E che tipo di richieste vi aspettate?

R. – Da quello che abbiamo sondato, le richieste sono di tipo relazionale, soprattutto, che riguardano la gestione delle relazioni con i figli, l’educazione, la relazione di coppia. Perché una buona notizia che possiamo darci è che questo lockdown ha segnato profondamente la famiglia – che ha anche dovuto fare i conti con delle realtà a cui non era preparata, anche le case stesse non erano adatte e molti pensavano che la famiglia sarebbe saltata, che tante sarebbero andate dall’avvocato divorzista – e invece così non è stato. La famiglia è riuscita, nonostante il carico, a reggere bene all’impatto, ha saputo trovare energie nuove anche per scoprire, forse, che i ritmi a cui si era sottoposta prima erano esagerati, però inevitabilmente uno stress per le famiglie c’è. Poi ci sono tutti i bisogni delle povertà, perciò abbiamo coinvolto la Caritas, perché c’è tutto anche un discorso di presenza sul territorio di accoglienza e di accompagnamento. Restano poi quei casi particolari dove ci sono situazioni affettive pesanti e anche quello potrebbe essere uno spazio di ascolto per persone che tentano il suicidio o che vivono la depressione, per poter contenere eventualmente la domanda e poterla poi rinviare ad un cammino di accompagnamento, perché la disperazione non prenda il sopravvento.

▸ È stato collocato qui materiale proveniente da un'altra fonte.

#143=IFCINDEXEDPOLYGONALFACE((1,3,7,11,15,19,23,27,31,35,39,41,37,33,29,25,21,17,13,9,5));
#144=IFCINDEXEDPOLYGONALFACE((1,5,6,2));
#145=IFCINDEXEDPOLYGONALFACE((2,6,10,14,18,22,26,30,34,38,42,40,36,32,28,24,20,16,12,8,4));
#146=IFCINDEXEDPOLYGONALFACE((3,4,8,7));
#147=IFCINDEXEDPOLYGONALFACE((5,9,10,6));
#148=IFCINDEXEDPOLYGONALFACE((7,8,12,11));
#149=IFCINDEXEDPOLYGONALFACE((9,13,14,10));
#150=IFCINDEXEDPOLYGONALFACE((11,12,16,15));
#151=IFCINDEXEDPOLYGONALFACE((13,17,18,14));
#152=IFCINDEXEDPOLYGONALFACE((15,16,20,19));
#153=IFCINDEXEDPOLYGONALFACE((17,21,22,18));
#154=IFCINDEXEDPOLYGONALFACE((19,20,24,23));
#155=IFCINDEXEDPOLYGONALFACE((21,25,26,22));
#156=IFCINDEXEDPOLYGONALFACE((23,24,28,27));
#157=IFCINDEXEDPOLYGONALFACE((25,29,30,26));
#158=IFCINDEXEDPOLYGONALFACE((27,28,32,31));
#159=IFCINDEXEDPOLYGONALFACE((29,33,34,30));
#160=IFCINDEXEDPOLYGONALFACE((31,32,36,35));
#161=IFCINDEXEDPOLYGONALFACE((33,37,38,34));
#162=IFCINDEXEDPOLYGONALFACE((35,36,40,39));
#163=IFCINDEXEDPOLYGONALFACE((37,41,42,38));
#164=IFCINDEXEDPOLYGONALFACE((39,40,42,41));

Il servizio “Rete che ascolta” prenderà il via il 1° luglio, noi ne diamo notizia così come altri mezzi di comunicazione, ma come farete a far sapere più capillarmente di questa vostra iniziativa alle persone?

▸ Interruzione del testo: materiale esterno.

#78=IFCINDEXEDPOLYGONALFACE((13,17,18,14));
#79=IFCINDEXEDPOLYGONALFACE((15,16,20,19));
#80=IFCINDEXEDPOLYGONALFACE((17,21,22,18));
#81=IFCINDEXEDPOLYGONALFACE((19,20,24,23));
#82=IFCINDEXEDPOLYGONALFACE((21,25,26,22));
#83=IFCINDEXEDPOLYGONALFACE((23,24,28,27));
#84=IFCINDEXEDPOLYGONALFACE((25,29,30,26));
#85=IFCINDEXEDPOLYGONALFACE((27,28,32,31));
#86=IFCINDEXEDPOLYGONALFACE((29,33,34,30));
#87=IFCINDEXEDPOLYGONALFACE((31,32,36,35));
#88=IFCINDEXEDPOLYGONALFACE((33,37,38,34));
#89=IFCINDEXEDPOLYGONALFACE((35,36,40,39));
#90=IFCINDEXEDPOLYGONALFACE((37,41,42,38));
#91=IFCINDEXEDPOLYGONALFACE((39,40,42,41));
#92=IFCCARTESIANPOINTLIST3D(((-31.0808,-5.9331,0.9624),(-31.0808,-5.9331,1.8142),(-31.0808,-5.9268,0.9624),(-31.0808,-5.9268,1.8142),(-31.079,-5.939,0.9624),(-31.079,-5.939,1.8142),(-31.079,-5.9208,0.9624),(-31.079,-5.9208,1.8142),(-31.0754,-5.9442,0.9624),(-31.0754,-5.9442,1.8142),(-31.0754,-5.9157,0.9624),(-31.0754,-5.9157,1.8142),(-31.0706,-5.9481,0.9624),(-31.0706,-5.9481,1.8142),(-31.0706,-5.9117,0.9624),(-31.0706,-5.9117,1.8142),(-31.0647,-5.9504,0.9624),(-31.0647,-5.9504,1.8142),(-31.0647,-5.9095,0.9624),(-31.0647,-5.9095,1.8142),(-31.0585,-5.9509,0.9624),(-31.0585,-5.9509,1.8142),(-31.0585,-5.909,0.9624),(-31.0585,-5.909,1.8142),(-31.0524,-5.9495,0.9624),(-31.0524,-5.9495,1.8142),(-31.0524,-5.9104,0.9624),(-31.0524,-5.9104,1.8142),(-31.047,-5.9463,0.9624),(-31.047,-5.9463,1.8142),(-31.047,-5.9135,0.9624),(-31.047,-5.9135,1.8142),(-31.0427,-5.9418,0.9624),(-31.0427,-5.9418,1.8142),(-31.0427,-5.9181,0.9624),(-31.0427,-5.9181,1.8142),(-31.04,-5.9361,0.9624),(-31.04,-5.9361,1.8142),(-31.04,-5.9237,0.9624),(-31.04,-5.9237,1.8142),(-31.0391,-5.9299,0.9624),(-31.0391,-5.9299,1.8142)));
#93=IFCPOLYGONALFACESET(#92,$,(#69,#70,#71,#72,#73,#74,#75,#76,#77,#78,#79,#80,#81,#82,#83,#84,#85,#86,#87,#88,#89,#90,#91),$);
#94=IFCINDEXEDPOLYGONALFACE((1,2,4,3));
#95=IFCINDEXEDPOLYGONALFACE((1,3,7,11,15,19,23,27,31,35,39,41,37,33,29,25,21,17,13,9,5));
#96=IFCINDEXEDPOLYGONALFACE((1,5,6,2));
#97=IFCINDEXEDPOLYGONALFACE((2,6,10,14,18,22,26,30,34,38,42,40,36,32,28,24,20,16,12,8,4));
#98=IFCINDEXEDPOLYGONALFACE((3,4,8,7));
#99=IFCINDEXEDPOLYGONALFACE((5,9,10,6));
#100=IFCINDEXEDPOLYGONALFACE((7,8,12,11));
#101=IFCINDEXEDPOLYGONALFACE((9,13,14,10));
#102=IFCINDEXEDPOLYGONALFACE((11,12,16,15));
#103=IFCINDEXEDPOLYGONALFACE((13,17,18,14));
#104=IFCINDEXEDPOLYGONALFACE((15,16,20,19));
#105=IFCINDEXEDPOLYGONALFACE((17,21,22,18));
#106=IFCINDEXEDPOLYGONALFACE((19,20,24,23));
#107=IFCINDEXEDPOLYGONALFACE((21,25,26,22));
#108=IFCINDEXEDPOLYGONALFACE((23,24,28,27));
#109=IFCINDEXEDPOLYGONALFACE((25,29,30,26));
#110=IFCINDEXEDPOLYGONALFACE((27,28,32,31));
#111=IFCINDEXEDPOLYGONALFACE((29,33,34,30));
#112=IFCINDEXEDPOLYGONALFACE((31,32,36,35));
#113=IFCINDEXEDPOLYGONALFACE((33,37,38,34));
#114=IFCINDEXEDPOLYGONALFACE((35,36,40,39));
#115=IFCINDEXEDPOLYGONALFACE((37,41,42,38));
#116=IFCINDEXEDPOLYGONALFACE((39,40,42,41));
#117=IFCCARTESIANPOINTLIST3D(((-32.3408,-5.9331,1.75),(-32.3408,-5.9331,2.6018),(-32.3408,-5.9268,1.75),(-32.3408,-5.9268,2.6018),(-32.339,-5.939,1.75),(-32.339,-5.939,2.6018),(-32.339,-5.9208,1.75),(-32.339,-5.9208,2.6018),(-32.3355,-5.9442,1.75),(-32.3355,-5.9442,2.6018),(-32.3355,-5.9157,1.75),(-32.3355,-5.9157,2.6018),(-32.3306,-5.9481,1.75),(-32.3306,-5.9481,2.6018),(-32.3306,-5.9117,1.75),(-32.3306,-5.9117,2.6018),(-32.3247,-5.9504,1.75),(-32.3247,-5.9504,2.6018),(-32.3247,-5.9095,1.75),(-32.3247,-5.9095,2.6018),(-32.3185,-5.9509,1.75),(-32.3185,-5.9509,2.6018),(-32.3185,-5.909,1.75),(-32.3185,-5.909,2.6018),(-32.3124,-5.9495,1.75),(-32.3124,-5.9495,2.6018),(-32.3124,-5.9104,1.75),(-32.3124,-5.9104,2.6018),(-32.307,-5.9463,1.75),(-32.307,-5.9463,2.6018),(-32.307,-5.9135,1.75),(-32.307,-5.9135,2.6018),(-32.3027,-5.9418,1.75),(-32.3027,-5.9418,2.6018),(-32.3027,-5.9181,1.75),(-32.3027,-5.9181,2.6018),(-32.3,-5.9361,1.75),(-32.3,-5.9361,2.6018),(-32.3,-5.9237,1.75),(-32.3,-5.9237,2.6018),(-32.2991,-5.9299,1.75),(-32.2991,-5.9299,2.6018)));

R. – Aver costruito questa Rete fa sì che si attivino tutti i soggetti collegati, che metteranno in campo la loro capacità di comunicare e di promuovere sul territorio l’iniziativa. Così l’Ufficio nazionale per la pastorale della famiglia e la Caritas si impegneranno nelle diocesi piuttosto che nelle singole parrocchie, cioè questi quattro soggetti che si sono messi insieme per questo progetto utilizzeranno le loro reti ordinarie. C’è poi l’impegno della Conferenza episcopale italiana tramite il suo Ufficio per le comunicazioni sociali. Iniziamo così e poi vedremo via via anche come ritarare l’iniziativa a seconda delle domande che arriveranno. L’idea è quella di fare qualcosa che non sia da qui a settembre o da qui a dicembre, giusto per poterlo legare al Covid-19. Questo è stato un pretesto, ma vorremmo poter costruire una struttura che permanga nel tempo e che magari si arricchisca di altri soggetti per poter creare un punto d’ascolto, un primo accesso legato appunto ai bisogni delle persone.